Depending on your setup, some additional adjustments may be necessary:

  • Change Kafka and Zookeeper servers in the Kubernetes deployments (uc1-application etc.) and run_XX.sh scripts
  • Change Prometheus' URL in lag_analysis.py
  • Change the path to your Python 3.7 virtual environment in the run_XX.sh schripts (to find the venv's bin/activate)
  • Change the name of your Kubernetes namespace for Prometheus' ClusterRoleBinding
  • Please let us know if there are further adjustments necessary

Execution

Please note that a Python 3.7 installation is required for executing Theodolite.

The ./theodolite.py is the entrypoint for all benchmark executions. Is has to be called as follows:

./theodolite.sh <use-case> <wl-values> <instances> <partitions> <cpu-limit> <memory-limit> <commit-interval> <duration> <domain-restriction> <search-strategy>
  • <use-case>: Stream processing use case to be benchmarked. Has to be one of 1, 2, 3 or 4.
  • <wl-values>: Values for the workload generator to be tested, separated by commas and sorted in ascending order. For example 100000,200000,300000.
  • <instances>: Numbers of instances to be benchmarked, separated by commas and sorted in ascending order. For example 1,2,3,4.
  • <partitions>: Number of partitions for Kafka topics. Optional. Default 40.
  • <cpu-limit>: Kubernetes CPU limit. Optional. Default 1000m.
  • <memory-limit>: Kubernetes memory limit. Optional. Default 4Gi.
  • <commit-interval>: Kafka Streams' commit interval in milliseconds. Optional. Default 100.
  • <duration>: Duration in minutes subexperiments should be executed for. Optional. Default 5.
  • <domain-restriction>: The domain restriction: restrict-domain to use domain restriction, no-domain-restriction to not use domain restriction. Default no-domain-restriction. For more details see Section Domain Restriction.
  • <search-strategy>: The benchmarking search strategy. Can be set to check-all, linear-search or binary-search. Default check-all. For more details see Section Benchmarking Search Strategies.

Domain Restriction

For dimension value, we have a domain of the amounts of instances. As a consequence, for each dimension value the maximum number of lag experiments is equal to the size of the domain. How the domain is determined is defined by the following domain restriction strategies.

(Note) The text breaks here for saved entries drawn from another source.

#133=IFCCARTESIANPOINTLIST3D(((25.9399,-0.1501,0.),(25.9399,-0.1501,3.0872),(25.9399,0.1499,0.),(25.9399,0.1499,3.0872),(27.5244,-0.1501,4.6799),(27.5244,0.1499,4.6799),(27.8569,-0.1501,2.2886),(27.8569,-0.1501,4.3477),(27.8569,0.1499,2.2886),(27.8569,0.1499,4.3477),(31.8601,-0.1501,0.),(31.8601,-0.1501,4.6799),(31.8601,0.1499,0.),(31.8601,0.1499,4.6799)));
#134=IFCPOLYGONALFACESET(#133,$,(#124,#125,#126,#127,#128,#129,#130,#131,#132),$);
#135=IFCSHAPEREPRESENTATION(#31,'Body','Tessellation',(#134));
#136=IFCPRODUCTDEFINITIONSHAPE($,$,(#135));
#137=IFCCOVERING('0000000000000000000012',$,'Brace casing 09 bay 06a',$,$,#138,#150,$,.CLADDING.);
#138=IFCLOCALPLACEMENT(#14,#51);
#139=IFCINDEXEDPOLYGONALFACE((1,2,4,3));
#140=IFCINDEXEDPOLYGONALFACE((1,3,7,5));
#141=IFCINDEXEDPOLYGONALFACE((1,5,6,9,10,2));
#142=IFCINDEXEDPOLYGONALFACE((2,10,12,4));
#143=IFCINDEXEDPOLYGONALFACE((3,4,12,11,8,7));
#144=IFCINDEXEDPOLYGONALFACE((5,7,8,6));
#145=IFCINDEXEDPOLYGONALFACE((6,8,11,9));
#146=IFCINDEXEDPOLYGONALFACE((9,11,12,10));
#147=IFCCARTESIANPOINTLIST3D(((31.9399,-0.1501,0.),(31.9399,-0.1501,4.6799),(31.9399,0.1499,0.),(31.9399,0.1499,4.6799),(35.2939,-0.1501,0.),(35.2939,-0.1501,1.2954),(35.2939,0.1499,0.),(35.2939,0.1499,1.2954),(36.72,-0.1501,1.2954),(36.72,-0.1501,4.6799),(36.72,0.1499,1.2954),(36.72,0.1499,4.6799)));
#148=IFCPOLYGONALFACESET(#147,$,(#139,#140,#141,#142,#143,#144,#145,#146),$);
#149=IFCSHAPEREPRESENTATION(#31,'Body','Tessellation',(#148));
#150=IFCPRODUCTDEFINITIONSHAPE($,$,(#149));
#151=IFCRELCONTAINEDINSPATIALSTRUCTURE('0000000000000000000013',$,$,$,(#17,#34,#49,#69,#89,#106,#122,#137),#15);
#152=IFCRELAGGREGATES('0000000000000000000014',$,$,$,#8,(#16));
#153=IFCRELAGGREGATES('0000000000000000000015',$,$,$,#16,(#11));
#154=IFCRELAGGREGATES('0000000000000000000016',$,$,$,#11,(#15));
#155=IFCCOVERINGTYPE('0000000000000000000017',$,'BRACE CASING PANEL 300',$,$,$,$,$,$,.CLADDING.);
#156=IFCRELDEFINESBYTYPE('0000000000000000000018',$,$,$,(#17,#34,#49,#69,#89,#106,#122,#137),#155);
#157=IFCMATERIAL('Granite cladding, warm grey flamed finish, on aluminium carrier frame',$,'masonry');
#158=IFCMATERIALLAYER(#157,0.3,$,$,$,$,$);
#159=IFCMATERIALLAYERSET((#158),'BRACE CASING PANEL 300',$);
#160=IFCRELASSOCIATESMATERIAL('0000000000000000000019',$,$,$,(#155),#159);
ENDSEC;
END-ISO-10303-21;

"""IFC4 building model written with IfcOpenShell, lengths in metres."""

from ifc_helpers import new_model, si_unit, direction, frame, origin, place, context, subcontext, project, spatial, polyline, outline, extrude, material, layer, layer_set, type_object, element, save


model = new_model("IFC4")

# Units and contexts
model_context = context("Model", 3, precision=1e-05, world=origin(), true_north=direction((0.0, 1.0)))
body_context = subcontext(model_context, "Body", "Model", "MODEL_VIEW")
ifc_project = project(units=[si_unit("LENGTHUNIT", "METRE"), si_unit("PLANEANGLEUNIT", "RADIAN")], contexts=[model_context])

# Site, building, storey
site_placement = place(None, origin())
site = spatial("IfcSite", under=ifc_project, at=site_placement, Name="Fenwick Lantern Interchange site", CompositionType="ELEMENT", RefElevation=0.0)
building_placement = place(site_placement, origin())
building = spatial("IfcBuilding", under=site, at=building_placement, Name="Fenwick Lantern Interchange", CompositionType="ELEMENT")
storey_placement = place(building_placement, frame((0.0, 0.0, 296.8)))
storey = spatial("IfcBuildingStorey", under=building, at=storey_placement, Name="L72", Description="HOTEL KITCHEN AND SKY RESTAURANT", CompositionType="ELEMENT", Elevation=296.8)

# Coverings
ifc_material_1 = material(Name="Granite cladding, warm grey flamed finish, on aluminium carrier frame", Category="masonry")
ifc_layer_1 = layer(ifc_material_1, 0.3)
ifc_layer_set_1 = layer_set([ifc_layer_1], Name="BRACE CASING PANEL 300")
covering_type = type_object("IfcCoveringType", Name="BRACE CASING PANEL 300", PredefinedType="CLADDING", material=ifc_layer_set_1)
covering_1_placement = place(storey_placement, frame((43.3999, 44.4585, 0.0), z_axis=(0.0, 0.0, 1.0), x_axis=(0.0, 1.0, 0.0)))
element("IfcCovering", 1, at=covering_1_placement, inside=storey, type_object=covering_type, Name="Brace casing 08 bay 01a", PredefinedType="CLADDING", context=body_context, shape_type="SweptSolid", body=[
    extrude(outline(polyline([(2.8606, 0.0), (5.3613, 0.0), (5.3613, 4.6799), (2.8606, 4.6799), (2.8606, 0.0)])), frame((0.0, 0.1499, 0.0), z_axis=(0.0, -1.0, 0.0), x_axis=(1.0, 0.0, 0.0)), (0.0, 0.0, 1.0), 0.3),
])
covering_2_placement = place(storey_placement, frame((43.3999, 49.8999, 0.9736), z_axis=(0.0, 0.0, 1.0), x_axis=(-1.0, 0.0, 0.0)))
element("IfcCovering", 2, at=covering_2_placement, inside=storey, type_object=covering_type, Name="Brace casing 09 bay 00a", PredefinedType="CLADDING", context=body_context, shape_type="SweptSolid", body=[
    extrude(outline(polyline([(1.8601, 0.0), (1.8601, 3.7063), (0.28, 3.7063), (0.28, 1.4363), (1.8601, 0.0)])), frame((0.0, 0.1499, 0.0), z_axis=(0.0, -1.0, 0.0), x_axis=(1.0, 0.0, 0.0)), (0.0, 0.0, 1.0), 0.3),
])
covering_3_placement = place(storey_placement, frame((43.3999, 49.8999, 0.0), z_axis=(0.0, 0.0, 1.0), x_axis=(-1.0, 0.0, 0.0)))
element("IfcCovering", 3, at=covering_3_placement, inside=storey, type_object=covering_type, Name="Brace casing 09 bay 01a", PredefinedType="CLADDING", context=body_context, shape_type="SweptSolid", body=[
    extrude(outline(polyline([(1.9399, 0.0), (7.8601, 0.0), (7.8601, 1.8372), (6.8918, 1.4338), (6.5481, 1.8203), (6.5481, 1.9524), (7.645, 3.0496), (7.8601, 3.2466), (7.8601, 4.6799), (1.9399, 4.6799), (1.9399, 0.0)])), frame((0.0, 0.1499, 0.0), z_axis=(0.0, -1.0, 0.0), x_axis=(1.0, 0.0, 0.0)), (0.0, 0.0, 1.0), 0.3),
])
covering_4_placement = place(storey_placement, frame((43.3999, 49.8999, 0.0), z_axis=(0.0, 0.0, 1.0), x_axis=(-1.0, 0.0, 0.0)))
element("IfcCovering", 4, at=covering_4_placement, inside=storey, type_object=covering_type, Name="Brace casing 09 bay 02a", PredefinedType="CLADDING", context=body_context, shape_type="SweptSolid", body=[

  • no-domain-restriction: For each dimension value, the domain of instances is equal to the set of all amounts of instances.
  • restrict-domain: For each dimension value, the domain is computed as follows:
    • If the dimension value is the smallest dimension value the domain of the amounts of instances is equal to the set of all amounts of instances.
    • If the dimension value is not the smallest dimension value and N is the amount of minimal amount of instances that was suitable for the last smaller dimension value the domain for this dimension value contains all amounts of instances greater than, or equal to N.

Benchmarking Search Strategies

There are the following benchmarking strategies:

  • check-all: For each dimension value, execute one lag experiment for all amounts of instances within the current domain.
  • linear-search: A heuristic which works as follows: For each dimension value, execute one lag experiment for all number of instances within the current domain. The execution order is from the lowest number of instances to the highest amount of instances and the execution for each dimension value is stopped, when a suitable amount of instances is found or if all lag experiments for the dimension value were not successful.
  • binary-search: A heuristic which works as follows: For each dimension value, execute one lag experiment for all number of instances within the current domain. The execution order is in a binary-search-like manner. The execution is stopped, when a suitable amount of instances is found or if all lag experiments for the dimension value were not successful.